8. The probability of centripetal heating of planets has not been discussed yet, although it has a physical basis. It may be a wave of centripetal deformations, which appear upon acceleration of rotation of the bodies [Belostotskii, 2000]. The energy transport is the most intense at the stages of acceleration of the flywheel and almost absent in the established regime of rotation. Since the mechanical deformations are always accompanied by heat release, such a wave is a “thermal wave” as well. We assume that this “wave” appeared soon after completion of accretion of the Earth as a result of gradual compression of its material, accompanied by appearance of high- density minerals, and corresponding decrease of its radius. According to the law of conservation of the momentum of motion, this should cause acceleration of their rotation around the axis.

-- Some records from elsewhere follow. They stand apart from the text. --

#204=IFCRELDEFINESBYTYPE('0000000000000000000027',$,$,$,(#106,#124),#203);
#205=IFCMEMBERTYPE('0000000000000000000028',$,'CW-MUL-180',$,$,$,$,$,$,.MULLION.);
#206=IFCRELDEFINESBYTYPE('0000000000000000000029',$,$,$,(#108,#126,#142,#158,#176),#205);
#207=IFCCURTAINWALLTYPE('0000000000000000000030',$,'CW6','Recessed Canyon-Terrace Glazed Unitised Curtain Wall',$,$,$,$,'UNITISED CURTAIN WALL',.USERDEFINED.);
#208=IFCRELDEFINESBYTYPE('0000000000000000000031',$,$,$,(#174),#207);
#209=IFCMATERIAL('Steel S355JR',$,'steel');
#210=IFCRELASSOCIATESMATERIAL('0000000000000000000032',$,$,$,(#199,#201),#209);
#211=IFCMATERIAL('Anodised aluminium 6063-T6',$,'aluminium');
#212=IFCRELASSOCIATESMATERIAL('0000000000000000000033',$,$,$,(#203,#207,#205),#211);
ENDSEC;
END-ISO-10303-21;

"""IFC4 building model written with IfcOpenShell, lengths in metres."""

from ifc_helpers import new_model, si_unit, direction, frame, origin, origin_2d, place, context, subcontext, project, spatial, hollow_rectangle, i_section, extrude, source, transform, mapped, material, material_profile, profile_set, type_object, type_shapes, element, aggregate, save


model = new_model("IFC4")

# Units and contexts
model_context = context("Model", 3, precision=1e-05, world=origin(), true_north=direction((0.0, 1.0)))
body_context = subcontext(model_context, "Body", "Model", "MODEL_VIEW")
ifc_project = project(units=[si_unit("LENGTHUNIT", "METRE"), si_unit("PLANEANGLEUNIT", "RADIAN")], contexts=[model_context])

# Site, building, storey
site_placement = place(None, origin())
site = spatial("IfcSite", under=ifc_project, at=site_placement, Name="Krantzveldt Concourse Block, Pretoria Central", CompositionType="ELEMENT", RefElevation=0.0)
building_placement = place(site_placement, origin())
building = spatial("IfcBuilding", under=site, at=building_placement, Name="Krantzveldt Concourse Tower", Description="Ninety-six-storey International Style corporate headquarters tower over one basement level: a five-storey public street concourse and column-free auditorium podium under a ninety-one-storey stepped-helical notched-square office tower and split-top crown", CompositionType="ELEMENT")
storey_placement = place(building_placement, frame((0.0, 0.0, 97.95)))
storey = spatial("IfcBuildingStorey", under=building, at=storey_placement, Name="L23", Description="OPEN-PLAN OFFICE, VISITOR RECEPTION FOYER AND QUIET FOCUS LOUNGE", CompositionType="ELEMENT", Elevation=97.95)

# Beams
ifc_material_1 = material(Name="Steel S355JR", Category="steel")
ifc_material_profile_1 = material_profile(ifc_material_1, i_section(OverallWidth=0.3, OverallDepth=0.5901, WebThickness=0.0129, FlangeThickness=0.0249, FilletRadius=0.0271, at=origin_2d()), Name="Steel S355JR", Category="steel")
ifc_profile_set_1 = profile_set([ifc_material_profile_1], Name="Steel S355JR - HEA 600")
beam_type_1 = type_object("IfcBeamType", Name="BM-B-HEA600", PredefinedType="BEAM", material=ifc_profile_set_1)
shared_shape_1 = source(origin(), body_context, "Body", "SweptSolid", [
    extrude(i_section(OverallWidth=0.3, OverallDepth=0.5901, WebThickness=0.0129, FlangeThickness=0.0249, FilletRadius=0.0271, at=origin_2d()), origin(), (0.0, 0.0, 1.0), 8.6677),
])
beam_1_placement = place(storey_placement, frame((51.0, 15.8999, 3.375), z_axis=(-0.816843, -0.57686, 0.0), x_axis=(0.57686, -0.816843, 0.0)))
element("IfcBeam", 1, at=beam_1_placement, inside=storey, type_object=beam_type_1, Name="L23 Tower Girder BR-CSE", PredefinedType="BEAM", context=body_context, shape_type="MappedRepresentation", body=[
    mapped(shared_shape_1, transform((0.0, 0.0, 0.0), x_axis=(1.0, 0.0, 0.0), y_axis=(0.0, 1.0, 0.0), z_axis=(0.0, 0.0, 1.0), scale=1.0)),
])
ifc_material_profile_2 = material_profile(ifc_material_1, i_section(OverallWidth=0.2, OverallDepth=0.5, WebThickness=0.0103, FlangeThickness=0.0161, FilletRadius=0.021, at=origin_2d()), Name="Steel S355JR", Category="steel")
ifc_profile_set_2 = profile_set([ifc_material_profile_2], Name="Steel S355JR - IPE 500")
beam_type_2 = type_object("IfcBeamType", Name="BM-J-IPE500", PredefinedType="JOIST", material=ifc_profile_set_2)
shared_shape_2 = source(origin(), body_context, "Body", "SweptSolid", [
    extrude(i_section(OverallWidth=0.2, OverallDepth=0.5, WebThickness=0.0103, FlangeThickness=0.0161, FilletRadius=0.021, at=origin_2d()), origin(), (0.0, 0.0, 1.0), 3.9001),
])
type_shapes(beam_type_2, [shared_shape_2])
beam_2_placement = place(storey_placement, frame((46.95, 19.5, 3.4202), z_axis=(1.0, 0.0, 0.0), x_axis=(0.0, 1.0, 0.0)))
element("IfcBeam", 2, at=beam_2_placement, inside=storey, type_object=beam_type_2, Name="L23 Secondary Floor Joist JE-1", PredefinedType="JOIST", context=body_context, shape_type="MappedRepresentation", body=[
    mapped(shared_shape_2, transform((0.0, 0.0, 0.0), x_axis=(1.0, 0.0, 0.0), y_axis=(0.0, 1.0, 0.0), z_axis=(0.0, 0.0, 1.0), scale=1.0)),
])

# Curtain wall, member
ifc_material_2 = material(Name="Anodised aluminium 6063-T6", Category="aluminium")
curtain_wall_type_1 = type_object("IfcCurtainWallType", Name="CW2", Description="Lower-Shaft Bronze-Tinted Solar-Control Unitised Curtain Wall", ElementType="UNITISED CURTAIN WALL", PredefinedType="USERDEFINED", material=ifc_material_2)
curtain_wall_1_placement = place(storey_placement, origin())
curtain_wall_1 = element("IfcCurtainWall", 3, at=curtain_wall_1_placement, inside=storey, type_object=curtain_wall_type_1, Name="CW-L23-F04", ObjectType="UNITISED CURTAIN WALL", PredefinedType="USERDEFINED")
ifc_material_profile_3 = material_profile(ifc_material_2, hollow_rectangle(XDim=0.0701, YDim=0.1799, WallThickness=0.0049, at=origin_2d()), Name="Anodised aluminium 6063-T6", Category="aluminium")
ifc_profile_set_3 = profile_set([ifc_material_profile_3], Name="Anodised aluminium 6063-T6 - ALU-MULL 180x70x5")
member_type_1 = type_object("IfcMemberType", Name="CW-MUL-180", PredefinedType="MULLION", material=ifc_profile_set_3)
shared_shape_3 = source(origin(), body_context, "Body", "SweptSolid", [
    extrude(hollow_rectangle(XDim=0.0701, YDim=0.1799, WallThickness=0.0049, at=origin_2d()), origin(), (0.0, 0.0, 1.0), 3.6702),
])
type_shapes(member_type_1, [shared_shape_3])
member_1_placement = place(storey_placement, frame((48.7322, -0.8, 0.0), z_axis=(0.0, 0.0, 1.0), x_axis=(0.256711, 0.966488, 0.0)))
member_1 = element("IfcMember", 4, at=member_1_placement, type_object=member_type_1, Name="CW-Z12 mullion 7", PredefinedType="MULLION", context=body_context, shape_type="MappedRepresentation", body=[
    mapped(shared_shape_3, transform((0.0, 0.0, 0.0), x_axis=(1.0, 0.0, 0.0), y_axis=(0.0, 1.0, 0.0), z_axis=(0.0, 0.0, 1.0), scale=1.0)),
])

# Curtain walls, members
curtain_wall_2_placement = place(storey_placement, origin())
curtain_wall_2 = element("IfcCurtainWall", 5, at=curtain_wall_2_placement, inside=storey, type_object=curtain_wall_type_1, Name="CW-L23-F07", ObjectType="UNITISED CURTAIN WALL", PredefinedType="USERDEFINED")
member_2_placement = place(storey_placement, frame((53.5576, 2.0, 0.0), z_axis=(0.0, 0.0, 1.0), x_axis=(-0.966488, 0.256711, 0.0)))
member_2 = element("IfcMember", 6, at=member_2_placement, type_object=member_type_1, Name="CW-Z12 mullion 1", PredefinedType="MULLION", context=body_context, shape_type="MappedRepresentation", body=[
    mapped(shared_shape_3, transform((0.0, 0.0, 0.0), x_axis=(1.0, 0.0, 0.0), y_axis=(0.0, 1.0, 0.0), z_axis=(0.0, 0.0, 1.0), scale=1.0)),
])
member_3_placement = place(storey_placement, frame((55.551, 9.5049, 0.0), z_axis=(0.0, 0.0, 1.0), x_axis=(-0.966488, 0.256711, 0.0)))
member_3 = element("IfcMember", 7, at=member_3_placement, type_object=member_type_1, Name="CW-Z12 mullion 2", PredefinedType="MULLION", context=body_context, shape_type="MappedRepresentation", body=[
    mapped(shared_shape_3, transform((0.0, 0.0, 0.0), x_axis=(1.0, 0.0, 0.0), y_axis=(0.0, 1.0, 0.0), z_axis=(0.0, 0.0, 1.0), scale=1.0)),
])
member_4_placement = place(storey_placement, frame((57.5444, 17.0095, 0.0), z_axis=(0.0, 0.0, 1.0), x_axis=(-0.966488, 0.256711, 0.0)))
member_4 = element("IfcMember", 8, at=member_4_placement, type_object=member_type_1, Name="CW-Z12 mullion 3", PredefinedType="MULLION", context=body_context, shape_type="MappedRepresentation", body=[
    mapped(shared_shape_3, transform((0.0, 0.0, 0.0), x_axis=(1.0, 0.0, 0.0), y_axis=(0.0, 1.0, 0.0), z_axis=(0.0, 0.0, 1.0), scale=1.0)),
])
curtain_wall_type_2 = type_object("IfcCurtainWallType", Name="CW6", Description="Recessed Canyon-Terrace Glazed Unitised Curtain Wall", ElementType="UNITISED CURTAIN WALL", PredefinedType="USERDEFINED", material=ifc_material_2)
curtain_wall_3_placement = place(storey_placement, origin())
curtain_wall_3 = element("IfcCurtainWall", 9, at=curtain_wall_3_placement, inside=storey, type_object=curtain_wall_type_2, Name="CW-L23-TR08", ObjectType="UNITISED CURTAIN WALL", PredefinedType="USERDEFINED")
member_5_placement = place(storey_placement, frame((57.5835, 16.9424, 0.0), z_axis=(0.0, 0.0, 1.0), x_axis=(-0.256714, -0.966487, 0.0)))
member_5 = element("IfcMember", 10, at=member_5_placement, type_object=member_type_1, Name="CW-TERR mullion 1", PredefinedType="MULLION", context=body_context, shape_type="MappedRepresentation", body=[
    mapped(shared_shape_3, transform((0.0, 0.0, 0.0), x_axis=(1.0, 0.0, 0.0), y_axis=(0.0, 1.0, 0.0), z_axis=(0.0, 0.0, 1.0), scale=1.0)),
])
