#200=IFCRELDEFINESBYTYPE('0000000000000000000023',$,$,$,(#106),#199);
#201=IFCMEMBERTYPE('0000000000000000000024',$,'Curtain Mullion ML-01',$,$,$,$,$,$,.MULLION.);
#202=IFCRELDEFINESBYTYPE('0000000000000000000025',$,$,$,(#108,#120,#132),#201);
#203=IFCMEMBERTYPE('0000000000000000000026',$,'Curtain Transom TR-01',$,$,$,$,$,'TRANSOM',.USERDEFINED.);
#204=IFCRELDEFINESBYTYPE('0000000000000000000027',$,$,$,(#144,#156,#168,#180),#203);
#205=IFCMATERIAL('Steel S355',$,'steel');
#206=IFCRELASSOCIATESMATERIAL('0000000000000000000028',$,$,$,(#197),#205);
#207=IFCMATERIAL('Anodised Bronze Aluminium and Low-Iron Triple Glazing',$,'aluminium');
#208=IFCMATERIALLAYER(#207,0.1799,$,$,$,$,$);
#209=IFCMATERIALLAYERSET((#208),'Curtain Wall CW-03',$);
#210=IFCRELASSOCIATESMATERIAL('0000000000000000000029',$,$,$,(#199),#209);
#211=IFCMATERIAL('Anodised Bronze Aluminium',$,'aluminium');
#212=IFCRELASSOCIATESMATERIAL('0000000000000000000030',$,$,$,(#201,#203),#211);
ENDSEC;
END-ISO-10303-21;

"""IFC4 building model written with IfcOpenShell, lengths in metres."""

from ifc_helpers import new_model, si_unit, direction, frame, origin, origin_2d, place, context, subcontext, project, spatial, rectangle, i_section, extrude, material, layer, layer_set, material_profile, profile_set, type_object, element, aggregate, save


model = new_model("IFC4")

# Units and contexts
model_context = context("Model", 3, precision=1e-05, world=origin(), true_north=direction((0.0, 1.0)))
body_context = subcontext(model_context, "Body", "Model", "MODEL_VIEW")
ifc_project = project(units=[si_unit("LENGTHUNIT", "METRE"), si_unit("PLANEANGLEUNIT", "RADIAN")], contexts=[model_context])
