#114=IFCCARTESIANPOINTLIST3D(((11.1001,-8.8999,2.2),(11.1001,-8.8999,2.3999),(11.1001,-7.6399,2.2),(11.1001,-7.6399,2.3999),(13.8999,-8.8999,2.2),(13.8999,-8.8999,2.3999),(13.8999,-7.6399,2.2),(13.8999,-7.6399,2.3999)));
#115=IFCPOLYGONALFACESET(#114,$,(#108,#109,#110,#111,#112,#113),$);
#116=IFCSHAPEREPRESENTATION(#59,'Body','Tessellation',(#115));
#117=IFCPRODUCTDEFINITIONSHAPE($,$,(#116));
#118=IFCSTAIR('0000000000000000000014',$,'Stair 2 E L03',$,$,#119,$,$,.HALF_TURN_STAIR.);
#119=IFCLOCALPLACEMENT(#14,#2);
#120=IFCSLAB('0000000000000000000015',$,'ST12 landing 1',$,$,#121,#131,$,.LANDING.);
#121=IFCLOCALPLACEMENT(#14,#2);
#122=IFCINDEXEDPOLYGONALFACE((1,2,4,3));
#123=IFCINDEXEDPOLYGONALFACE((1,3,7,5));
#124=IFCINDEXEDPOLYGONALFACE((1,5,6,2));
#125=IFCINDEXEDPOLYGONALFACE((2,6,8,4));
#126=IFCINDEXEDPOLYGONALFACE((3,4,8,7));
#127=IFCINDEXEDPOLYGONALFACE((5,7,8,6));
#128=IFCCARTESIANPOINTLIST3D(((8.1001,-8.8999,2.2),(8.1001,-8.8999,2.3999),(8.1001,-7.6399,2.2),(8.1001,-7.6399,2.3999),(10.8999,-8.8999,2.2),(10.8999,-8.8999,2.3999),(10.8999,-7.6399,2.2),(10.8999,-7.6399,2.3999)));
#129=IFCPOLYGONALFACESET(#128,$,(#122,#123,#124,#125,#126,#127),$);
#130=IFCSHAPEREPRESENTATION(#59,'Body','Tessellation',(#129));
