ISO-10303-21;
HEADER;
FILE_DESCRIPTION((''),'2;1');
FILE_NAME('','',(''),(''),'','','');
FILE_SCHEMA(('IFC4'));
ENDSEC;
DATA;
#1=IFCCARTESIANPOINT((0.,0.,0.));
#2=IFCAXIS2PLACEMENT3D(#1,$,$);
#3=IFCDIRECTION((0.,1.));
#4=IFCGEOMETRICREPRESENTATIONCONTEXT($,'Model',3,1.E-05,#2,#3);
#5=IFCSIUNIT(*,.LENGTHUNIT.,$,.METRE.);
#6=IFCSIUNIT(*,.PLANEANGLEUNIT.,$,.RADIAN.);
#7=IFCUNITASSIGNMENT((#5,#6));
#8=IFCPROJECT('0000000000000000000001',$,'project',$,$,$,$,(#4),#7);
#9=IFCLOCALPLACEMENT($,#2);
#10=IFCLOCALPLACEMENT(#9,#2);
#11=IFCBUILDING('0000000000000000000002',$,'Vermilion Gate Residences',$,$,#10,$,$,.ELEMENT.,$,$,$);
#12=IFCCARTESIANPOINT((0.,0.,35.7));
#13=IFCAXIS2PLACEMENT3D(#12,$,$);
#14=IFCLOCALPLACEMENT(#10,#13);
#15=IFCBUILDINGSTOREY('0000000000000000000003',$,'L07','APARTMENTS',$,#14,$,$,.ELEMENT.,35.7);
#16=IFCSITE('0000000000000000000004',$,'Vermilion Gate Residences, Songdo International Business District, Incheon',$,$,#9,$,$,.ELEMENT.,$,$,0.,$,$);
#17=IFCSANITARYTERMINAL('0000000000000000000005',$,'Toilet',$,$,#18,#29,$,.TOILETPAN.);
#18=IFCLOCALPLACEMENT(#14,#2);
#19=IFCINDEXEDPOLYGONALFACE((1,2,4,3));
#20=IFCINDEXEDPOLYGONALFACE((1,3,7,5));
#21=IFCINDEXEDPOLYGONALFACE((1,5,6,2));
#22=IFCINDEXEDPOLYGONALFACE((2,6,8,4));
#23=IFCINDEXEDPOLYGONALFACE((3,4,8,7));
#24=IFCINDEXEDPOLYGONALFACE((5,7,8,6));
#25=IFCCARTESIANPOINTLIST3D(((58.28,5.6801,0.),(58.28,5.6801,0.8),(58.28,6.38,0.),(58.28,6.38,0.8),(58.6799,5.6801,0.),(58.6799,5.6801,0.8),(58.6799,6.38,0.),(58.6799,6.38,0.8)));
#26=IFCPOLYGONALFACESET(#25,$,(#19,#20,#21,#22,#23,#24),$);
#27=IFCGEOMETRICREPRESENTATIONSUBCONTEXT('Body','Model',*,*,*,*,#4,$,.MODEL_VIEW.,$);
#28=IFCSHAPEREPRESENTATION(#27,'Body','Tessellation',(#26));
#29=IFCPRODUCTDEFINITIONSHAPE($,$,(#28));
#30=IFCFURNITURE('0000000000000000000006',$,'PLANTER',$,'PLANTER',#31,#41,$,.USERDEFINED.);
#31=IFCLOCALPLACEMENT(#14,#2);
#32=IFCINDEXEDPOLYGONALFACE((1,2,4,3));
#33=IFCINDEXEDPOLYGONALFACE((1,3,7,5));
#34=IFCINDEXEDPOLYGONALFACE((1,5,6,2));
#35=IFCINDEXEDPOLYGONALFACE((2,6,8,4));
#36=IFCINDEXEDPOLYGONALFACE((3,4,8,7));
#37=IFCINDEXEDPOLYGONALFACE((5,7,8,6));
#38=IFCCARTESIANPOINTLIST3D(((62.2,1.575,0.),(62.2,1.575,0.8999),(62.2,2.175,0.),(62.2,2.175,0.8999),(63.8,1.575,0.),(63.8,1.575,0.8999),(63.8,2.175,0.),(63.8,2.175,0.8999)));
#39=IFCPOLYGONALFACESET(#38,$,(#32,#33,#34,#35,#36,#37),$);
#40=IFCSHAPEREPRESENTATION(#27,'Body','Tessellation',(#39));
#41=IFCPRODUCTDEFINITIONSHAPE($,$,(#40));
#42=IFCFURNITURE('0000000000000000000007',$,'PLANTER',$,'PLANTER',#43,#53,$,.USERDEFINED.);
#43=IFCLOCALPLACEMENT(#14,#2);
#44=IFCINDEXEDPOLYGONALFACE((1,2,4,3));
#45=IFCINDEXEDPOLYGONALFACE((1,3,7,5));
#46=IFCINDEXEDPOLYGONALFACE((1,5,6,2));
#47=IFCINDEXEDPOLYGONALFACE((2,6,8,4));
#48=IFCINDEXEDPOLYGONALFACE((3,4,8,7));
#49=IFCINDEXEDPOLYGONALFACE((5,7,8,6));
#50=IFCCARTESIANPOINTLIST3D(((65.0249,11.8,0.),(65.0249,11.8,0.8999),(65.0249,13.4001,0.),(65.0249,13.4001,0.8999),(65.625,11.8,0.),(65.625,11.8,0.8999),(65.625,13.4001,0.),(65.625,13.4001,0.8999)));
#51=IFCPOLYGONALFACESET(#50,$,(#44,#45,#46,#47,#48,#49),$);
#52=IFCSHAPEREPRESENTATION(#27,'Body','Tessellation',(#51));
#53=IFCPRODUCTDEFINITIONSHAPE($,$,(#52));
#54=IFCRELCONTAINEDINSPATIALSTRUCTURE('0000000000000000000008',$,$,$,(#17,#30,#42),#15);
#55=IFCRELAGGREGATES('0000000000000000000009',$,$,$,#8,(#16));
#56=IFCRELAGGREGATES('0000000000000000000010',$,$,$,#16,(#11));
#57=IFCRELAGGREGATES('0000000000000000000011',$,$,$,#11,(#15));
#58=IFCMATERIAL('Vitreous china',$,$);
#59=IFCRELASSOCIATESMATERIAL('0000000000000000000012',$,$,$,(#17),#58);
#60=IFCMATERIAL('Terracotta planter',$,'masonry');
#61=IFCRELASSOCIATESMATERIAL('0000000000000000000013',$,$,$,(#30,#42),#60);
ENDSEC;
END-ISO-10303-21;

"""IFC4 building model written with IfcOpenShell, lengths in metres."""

from ifc_helpers import new_model, si_unit, direction, frame, origin, origin_2d, place, context, subcontext, project, spatial, rectangle, extrude, material, element, save


model = new_model("IFC4")

# Units and contexts
model_context = context("Model", 3, precision=1e-05, world=origin(), true_north=direction((0.0, 1.0)))
body_context = subcontext(model_context, "Body", "Model", "MODEL_VIEW")
ifc_project = project(units=[si_unit("LENGTHUNIT", "METRE"), si_unit("PLANEANGLEUNIT", "RADIAN")], contexts=[model_context])

# Site, building, storey
site_placement = place(None, origin())
site = spatial("IfcSite", under=ifc_project, at=site_placement, Name="Vermilion Gate Residences, Songdo International Business District, Incheon", CompositionType="ELEMENT", RefElevation=0.0)
building_placement = place(site_placement, origin())
building = spatial("IfcBuilding", under=site, at=building_placement, Name="Vermilion Gate Residences", CompositionType="ELEMENT")
storey_placement = place(building_placement, frame((0.0, 0.0, 35.7)))
storey = spatial("IfcBuildingStorey", under=building, at=storey_placement, Name="L07", Description="APARTMENTS", CompositionType="ELEMENT", Elevation=35.7)

# Sanitary terminal
ifc_material_1 = material(Name="Vitreous china")
sanitary_terminal_1_placement = place(storey_placement, frame((58.48, 6.03, 0.0), z_axis=(0.0, 0.0, 1.0), x_axis=(1.0, 0.0, 0.0)))
element("IfcSanitaryTerminal", 1, at=sanitary_terminal_1_placement, inside=storey, material=ifc_material_1, Name="Toilet", PredefinedType="TOILETPAN", context=body_context, shape_type="SweptSolid", body=[
    extrude(rectangle(XDim=0.3999, YDim=0.7, at=origin_2d()), origin(), (0.0, 0.0, 1.0), 0.8),
])

# Furniture
ifc_material_2 = material(Name="Terracotta planter", Category="masonry")
for number, where, z_axis, x_axis, name in (
    (2, (63.0, 1.875, 0.0), (0.0, 0.0, 1.0), (1.0, 0.0, 0.0), "PLANTER"),
    (3, (65.325, 12.6001, 0.0), (0.0, 0.0, 1.0), (0.0, 1.0, 0.0), "PLANTER"),
):
    element("IfcFurniture", number, at=place(storey_placement, frame(where, z_axis=z_axis, x_axis=x_axis)), inside=storey, material=ifc_material_2, Name=name, ObjectType="PLANTER", PredefinedType="USERDEFINED", context=body_context, shape_type="SweptSolid", body=[
        extrude(rectangle(XDim=1.6001, YDim=0.6001, at=origin_2d()), origin(), (0.0, 0.0, 1.0), 0.8999),
    ])

save(model, "model.ifc")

Scheme, illustrated the major stages of the Earth’s inner evolution:1 – primordial core; 2 – primordial crust; 3 – magma ocean; 4 – primordial sialic crust кора; 5 – depleted mantle; 6 – core: а – liquid, b – solid; 7 – wave of heating; 8 – mantle plumes.

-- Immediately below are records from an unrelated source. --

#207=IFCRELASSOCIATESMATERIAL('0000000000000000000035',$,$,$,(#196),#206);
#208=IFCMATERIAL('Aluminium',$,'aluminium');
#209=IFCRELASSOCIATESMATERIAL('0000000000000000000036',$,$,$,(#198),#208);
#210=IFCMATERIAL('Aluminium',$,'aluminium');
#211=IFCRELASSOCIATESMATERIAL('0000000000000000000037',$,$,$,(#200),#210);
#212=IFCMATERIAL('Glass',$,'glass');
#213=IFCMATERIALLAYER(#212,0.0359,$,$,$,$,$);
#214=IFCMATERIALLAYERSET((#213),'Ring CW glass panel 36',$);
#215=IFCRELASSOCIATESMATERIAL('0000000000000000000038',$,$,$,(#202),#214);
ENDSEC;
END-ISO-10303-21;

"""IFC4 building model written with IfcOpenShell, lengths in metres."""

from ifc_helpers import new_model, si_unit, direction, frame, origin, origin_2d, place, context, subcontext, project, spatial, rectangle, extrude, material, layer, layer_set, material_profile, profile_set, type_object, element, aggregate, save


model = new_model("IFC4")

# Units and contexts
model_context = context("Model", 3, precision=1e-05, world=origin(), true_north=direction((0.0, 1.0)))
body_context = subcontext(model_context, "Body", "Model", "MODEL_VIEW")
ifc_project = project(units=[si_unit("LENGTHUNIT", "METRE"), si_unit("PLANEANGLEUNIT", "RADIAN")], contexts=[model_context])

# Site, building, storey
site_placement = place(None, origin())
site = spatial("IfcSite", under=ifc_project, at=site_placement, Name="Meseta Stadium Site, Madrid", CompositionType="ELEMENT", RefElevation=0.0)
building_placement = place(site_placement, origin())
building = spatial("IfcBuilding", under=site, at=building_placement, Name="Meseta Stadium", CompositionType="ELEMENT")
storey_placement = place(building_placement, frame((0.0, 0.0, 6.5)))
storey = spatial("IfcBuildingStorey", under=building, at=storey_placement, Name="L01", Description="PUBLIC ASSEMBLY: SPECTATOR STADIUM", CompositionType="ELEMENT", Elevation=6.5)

9. According to the law of conservation of energy, such a wave of deformations should result in “pumping” of energy into the internal parts of the Earth. This energy was accumulated in the liquid iron core, the temperature of which is higher than that at the lower boundary of the silicate mantle by ~1500°C [McDonough, 2003]. Obviously, the liquid core is the energetic “heart” of the Earth at the second stage of its evolution, which started 2.35–2.3 Ga, when the thermochemical plumes, the main driving force of the modern tectonic processes, appeared. After complete solidification of the core, the tectonomagmatic processes will, probably, stop, similarly to the situation on the Moon, Venus, Mars, and possibly Mercury. These bodies have close inner structure and developed at the same scenario [Sharkov, Bogatikov, 2009]. However, they have no magnetic fields now as well as no signs of modern tectonomagmatic activity. It, probably, evidence for the absence of liquid cores in them; i.e., in contrast to the Earth, they are “dead” bodies now.

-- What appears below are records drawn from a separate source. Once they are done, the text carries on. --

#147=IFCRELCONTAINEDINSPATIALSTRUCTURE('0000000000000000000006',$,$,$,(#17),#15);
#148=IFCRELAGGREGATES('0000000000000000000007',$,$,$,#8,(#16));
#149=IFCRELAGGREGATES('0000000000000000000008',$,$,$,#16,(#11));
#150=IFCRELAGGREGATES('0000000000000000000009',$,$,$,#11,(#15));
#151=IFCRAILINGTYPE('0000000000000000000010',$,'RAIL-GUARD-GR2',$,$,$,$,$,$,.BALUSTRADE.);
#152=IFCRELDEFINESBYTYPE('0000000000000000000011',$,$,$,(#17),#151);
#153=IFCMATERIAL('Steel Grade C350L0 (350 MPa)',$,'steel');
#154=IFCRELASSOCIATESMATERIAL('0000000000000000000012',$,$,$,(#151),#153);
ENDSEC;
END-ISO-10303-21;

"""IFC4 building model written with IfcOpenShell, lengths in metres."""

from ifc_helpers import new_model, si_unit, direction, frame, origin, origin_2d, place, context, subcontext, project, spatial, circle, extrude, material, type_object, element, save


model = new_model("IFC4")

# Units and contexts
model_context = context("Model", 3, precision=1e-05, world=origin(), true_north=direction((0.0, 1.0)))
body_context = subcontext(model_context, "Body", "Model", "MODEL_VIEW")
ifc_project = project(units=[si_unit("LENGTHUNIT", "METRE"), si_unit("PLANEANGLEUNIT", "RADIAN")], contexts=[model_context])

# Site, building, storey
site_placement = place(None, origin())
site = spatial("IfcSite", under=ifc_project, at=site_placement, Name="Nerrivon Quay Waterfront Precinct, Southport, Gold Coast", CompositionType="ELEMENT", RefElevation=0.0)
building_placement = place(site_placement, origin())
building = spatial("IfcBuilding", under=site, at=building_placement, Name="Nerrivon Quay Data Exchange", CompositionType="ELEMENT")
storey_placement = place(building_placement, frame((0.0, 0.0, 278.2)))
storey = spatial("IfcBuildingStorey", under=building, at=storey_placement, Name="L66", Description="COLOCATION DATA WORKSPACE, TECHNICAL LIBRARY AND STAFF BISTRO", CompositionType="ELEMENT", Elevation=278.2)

10. CONCLUSIONS 1. The mantle thermochemical plumes are the only carriers of the core material reaching the Earth’s surface, and study of evolution of mantle- derived magmas throughout the Earth’s history is a unique source of objective information on the core development over several billion years of its existence that is not accessible by any other method. 2. Appearance of thermochemical plumes about 2.35 Ga we explain by involvement material of the primordial core in geodynamic processes as a result of its melting by the Earth’s centripetal heating. This heating is, probably, considered with the wave of heat-generated deformations caused by acceleration of rotation of the body as a result of a gradually decrease its radius upon compression material of the newly-formed planet. 3. The geological and petrological data available on the Earth evolution are consistent with model of its heterogeneous accretion from material that existed in the early Solar system, and the primordial iron core, probably, was its embryo. 4. Very likely, that the Earth’s core had different composition and structure at the early and late stages of its evolution; material of the modern (secondary) core, very probably, consists on a mixture of the primordial core matter and iron of the chondritic origin.